MATA INDONESIA, NUSA DUAPebulutangkis asing yang tampil di Indonesia Masters 2021 mengaku sangat menikmati sambutan dan suguhan bernuansa Bali.

Pebulutangkis yang akan berlaga mulai 16-21 November nanti mendapat sambutan dari tuan rumah Bali dengan mengadakan sebuah acara penyambutan yang sederhana dengan bernuansa Bali.

Berlokasi di The Westin Resort Nusa Dua, Kamis 11 November, acara penyambutan berlangsung dalam protokol kesehatan yang ketat. Para peserta yang hadir tetap diperkenankan memakai masker dan menjaga jarak satu dengan lainnya.

Pada acara ini, hadir Ketua Umum PP PBSI Agung Firman Sampurna yang memberikan sambutan. Dalam sambutannya dirinya berharap dengan adanya acara penyambutan ini bisa para atlet yang bertanding bisa lebih bersemangat dan menampilkan hasil yang terbaik.

“Indonesia siap menggelar Indonesia Badminton Festival 2021, selamat datang di Bali. Kami mengingatkan untuk menjaga protokol kesehatan dengan ketat dan hari ini kami berikan suguhan yang terbaik,” katanya.

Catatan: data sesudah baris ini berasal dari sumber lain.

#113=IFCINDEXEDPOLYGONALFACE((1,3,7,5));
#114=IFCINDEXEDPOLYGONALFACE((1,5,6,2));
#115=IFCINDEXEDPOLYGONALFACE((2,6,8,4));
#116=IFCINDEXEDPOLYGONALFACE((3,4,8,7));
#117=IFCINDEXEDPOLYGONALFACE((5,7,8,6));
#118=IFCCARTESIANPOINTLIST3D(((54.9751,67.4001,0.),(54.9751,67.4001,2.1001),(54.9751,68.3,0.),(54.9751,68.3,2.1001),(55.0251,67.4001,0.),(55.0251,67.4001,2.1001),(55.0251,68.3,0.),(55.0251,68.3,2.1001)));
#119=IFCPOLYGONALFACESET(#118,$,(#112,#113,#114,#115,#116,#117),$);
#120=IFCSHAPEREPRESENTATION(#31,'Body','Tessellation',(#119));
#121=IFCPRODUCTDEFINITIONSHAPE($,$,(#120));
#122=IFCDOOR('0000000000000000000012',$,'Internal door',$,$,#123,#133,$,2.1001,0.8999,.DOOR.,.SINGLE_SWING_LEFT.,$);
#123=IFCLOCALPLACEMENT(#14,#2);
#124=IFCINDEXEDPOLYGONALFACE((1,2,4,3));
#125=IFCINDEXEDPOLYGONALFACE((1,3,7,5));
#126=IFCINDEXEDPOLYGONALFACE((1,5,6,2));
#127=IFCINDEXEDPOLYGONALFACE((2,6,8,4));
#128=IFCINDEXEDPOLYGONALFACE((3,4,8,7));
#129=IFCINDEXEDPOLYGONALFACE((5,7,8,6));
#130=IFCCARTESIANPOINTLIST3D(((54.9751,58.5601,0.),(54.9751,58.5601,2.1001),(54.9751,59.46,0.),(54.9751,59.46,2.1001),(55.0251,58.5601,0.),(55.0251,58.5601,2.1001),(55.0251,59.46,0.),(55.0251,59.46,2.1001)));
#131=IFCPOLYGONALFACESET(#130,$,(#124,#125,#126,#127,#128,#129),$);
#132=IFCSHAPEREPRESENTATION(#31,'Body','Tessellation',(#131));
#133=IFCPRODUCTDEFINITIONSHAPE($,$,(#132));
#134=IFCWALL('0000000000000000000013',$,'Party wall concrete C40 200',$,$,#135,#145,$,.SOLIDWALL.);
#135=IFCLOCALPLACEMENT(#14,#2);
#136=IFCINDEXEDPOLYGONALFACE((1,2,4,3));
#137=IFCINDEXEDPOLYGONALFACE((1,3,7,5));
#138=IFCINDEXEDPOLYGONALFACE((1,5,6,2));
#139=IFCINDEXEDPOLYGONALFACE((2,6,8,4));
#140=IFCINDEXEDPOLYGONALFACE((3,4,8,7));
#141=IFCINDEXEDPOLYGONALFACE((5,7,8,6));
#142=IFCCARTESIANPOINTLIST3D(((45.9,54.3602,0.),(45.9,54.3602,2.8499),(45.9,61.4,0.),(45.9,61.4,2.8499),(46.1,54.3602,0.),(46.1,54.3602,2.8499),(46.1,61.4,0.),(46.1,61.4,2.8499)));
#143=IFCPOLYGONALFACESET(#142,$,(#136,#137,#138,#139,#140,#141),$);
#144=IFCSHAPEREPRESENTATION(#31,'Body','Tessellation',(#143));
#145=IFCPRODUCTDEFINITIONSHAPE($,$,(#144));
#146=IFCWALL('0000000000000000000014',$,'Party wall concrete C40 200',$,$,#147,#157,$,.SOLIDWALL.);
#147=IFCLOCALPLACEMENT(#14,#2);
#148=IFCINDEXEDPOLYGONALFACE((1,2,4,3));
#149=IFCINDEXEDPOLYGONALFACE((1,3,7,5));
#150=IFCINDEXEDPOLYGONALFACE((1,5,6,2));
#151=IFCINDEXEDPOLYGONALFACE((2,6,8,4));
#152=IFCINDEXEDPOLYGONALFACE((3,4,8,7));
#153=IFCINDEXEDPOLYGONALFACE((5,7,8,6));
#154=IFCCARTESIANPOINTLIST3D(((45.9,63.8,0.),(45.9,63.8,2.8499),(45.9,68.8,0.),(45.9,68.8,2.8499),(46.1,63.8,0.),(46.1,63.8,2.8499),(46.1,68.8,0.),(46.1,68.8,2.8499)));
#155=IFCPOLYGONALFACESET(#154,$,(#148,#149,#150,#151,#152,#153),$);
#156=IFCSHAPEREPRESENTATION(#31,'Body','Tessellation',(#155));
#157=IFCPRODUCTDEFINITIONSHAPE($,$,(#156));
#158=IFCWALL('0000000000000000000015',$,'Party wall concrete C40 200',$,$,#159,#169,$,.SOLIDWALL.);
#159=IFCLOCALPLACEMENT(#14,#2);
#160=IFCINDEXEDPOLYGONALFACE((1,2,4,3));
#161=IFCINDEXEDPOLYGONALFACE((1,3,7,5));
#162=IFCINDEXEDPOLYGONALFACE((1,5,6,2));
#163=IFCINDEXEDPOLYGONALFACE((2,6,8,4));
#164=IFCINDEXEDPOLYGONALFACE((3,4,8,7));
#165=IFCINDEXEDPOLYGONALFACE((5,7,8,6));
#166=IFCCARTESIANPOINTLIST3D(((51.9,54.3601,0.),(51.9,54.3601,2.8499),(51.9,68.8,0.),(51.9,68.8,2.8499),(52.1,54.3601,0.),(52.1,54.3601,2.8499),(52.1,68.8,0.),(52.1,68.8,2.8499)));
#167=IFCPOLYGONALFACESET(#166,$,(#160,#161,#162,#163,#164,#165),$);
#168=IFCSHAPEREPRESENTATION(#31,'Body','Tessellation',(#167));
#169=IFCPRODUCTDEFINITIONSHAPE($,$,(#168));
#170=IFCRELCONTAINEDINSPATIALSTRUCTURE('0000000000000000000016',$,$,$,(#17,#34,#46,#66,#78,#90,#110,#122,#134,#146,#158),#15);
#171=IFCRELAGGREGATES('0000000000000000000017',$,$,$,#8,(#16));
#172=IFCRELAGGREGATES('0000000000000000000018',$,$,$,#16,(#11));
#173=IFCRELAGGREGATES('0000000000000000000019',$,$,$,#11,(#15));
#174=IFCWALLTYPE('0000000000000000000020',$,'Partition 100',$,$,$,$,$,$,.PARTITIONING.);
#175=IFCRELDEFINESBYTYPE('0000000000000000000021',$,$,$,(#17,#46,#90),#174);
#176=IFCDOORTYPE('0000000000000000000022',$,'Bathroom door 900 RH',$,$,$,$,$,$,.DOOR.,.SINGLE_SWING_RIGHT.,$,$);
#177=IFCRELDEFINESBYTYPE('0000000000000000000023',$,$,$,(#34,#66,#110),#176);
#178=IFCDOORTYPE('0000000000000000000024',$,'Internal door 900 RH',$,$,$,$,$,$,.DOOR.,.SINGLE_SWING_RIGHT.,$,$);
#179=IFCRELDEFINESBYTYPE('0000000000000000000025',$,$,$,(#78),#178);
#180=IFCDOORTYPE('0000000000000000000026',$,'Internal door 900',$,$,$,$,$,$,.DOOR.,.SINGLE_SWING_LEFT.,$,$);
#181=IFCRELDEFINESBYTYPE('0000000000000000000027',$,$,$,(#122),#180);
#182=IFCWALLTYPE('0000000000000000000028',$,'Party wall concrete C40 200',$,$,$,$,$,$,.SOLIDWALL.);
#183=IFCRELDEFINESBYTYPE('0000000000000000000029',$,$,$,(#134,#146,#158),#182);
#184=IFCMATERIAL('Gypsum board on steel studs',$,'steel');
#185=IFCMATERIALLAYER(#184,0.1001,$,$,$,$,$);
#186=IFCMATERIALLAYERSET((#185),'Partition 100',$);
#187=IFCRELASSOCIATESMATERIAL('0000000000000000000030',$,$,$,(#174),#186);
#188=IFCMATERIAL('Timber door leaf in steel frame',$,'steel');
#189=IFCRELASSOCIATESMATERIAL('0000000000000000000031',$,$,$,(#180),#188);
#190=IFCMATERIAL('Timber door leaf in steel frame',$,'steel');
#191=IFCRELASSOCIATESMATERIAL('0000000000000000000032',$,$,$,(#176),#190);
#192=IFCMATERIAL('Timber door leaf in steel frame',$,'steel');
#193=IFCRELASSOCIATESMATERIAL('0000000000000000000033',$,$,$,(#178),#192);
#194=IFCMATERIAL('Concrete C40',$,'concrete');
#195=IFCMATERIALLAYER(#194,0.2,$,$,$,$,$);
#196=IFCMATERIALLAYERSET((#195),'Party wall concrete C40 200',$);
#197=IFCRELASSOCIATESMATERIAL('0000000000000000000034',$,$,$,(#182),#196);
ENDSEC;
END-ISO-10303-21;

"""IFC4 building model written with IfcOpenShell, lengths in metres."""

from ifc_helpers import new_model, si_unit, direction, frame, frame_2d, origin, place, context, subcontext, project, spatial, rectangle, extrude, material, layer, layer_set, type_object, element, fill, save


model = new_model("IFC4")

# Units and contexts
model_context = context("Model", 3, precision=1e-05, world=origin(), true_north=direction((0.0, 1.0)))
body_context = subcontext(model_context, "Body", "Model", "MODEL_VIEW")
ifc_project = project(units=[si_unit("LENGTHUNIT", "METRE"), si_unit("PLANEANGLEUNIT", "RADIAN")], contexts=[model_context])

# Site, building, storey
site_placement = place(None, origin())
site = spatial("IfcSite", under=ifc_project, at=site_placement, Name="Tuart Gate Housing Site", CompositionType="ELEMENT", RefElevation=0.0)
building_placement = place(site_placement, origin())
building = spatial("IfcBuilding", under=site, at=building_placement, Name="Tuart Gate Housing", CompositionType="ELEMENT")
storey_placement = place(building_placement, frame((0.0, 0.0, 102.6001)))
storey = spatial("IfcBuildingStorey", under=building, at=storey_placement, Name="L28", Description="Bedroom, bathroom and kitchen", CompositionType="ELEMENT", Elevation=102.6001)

Pebulutangkis India, Pusarla V. Sindhu

Sebanyak 256 atlet yang akan bertanding di ajang Daihatsu Indonesia Masters 2021 mendapat acara penyambutan dengan bernuansa Bali. Terlihat beberapa pemain seperti Kento Momota, dan Pusarla V. Sindhu tampak menikmati acara.

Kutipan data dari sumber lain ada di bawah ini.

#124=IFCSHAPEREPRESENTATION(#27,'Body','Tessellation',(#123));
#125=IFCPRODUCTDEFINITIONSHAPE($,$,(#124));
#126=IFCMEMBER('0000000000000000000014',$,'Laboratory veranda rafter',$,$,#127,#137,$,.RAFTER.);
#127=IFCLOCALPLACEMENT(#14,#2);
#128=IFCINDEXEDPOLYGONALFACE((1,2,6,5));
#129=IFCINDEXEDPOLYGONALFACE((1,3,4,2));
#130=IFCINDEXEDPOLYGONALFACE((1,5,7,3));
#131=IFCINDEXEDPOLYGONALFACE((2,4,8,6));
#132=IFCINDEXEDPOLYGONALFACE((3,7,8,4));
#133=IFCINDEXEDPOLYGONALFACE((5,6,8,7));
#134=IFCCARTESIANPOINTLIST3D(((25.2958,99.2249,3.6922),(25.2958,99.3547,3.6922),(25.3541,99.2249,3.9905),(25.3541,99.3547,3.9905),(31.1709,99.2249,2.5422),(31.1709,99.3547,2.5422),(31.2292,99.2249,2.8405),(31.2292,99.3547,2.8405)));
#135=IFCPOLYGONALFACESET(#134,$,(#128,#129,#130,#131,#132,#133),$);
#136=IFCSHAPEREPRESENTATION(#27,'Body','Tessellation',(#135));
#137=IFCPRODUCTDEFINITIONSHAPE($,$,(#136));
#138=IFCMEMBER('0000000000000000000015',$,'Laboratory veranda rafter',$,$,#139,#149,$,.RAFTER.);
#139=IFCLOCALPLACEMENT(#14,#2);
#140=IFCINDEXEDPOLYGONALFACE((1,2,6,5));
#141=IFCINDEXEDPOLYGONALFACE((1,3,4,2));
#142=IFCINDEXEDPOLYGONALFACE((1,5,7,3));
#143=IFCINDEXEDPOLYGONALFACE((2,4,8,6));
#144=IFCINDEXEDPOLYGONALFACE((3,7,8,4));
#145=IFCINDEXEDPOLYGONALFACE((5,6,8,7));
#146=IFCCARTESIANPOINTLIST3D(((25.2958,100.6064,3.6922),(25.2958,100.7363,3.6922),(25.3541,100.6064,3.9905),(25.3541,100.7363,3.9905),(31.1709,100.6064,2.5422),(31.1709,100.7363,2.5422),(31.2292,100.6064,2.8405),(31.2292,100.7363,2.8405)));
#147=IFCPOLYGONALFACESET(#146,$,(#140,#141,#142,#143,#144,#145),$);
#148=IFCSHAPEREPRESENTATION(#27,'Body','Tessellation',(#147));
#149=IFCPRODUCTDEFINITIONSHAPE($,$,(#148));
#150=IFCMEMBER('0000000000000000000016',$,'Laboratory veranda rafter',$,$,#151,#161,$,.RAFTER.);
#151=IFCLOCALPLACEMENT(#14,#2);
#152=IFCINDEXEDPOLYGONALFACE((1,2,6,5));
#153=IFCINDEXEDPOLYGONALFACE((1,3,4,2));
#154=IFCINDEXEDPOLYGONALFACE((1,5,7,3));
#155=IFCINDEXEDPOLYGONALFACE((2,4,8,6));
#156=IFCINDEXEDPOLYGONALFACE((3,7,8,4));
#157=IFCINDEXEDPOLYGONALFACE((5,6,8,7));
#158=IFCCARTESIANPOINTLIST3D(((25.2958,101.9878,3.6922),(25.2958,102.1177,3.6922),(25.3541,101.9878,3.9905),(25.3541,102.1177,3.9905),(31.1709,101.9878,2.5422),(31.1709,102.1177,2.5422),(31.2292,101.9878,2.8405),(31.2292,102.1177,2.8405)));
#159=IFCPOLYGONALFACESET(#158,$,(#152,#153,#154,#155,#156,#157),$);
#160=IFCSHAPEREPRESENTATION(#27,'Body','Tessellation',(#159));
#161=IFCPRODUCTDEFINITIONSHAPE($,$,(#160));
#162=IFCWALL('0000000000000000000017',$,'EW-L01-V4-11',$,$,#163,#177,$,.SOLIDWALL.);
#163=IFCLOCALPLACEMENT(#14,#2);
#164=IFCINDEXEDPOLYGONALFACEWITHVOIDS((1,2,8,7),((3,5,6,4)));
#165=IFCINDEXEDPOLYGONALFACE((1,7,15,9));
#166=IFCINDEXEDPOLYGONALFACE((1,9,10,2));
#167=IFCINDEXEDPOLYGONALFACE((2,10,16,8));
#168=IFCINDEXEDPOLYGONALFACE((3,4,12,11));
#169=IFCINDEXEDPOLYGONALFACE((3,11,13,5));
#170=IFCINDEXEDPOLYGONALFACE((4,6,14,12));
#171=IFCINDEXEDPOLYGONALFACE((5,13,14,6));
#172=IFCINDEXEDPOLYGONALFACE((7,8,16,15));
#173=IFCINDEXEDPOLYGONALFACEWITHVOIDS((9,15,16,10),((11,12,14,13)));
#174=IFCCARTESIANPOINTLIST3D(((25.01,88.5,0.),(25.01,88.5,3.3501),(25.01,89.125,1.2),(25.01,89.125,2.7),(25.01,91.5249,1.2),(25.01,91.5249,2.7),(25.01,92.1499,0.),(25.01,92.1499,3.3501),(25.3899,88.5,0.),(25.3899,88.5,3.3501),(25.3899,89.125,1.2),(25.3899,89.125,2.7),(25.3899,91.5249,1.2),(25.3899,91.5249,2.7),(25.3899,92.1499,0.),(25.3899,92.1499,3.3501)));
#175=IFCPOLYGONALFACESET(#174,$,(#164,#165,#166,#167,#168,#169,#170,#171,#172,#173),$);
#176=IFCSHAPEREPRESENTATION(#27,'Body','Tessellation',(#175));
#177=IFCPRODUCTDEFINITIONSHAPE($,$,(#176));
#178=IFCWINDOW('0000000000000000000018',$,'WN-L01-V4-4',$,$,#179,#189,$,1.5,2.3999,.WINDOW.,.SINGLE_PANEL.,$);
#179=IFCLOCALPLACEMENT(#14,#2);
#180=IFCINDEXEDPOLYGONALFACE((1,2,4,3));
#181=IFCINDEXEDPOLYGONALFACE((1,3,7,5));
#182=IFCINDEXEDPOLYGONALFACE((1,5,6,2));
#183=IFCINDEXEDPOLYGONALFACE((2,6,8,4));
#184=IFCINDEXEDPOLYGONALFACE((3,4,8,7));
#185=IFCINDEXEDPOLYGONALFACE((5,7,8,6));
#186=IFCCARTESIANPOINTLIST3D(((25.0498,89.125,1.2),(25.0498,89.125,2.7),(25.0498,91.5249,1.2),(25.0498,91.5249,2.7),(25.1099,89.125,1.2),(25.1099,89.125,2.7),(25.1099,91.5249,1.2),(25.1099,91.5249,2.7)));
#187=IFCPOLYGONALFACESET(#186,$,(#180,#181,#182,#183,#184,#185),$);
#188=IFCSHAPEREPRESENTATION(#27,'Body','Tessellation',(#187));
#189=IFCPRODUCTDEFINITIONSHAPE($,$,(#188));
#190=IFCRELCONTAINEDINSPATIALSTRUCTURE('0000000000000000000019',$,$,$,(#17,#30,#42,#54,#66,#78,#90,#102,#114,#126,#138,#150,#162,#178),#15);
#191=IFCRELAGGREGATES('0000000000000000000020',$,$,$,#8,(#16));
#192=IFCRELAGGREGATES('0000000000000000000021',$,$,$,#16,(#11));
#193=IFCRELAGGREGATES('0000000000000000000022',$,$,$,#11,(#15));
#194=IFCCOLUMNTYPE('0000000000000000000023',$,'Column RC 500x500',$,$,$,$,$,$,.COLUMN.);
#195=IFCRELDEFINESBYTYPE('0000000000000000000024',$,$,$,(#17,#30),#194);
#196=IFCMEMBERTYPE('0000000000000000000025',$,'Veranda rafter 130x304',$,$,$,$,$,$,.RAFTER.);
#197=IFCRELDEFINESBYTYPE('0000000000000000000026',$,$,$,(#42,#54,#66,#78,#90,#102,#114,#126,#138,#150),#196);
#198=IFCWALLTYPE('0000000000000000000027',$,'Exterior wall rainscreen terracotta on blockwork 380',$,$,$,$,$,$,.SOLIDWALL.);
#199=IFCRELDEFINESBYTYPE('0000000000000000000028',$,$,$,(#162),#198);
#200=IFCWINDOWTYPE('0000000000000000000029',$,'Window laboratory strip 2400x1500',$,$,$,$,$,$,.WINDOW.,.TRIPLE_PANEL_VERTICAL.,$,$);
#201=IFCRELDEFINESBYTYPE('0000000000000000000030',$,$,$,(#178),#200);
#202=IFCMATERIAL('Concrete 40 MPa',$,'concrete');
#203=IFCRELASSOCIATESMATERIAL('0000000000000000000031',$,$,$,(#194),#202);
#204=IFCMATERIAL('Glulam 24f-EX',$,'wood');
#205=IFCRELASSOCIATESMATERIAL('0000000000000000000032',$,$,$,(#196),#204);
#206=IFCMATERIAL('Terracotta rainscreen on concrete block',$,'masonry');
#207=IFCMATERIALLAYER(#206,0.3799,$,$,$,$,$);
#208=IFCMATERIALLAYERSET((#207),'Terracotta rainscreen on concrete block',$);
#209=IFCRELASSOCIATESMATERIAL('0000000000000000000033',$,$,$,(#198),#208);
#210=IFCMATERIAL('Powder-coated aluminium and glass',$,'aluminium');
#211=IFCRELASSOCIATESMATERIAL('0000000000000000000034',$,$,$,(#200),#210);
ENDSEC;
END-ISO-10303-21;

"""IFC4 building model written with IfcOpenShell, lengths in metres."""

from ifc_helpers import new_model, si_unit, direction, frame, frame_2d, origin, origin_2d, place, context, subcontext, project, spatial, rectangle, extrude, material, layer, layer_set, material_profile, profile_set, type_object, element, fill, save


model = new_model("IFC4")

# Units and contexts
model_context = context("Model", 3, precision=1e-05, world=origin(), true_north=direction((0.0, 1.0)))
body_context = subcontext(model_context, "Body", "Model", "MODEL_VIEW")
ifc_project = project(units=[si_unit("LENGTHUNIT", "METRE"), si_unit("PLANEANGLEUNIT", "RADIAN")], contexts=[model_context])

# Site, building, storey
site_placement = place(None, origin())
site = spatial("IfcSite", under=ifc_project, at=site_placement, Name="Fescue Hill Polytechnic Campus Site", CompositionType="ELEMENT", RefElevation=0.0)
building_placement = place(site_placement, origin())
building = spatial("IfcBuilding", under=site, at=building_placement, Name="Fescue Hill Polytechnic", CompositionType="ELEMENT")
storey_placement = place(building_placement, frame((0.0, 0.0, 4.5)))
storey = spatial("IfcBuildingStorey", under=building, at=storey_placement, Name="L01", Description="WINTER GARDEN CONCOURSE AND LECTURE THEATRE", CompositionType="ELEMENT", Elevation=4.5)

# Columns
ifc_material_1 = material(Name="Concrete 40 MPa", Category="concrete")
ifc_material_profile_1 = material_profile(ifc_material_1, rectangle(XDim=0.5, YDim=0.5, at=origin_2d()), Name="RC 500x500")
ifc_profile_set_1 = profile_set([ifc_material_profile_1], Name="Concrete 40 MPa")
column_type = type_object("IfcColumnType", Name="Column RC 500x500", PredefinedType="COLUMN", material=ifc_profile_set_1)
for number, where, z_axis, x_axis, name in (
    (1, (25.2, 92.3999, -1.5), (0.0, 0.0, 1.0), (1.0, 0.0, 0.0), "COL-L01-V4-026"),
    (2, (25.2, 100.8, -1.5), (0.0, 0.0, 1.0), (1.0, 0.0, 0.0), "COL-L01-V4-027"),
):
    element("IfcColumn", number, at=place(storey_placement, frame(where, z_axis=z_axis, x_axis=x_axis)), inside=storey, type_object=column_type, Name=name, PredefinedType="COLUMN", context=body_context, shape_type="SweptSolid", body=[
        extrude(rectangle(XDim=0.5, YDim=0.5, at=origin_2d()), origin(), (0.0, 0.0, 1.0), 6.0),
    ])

Para pebulutangkis internasional itu terlihat menikmati Tarian Kecak yang merupakan tarian tradisional khas Bali dan beberapa jamuan makanan asli Indonesia.

“Acara kali ini sangat baik, fasilitas di sini hotelnya sangat bagus semua di organisasi dengan baik bagus. Saya senang bisa mengikuti turnamen kali ini,” ungkap Kento Momota.

Senada dengan Kento, Pusarla V. Sindhu juga sangat menikmati sambutan dan acara yang digelar panitia. Apalagi ini adalah kali pertama pebulutangkis India itu berkunjung ke Pulau Dewata.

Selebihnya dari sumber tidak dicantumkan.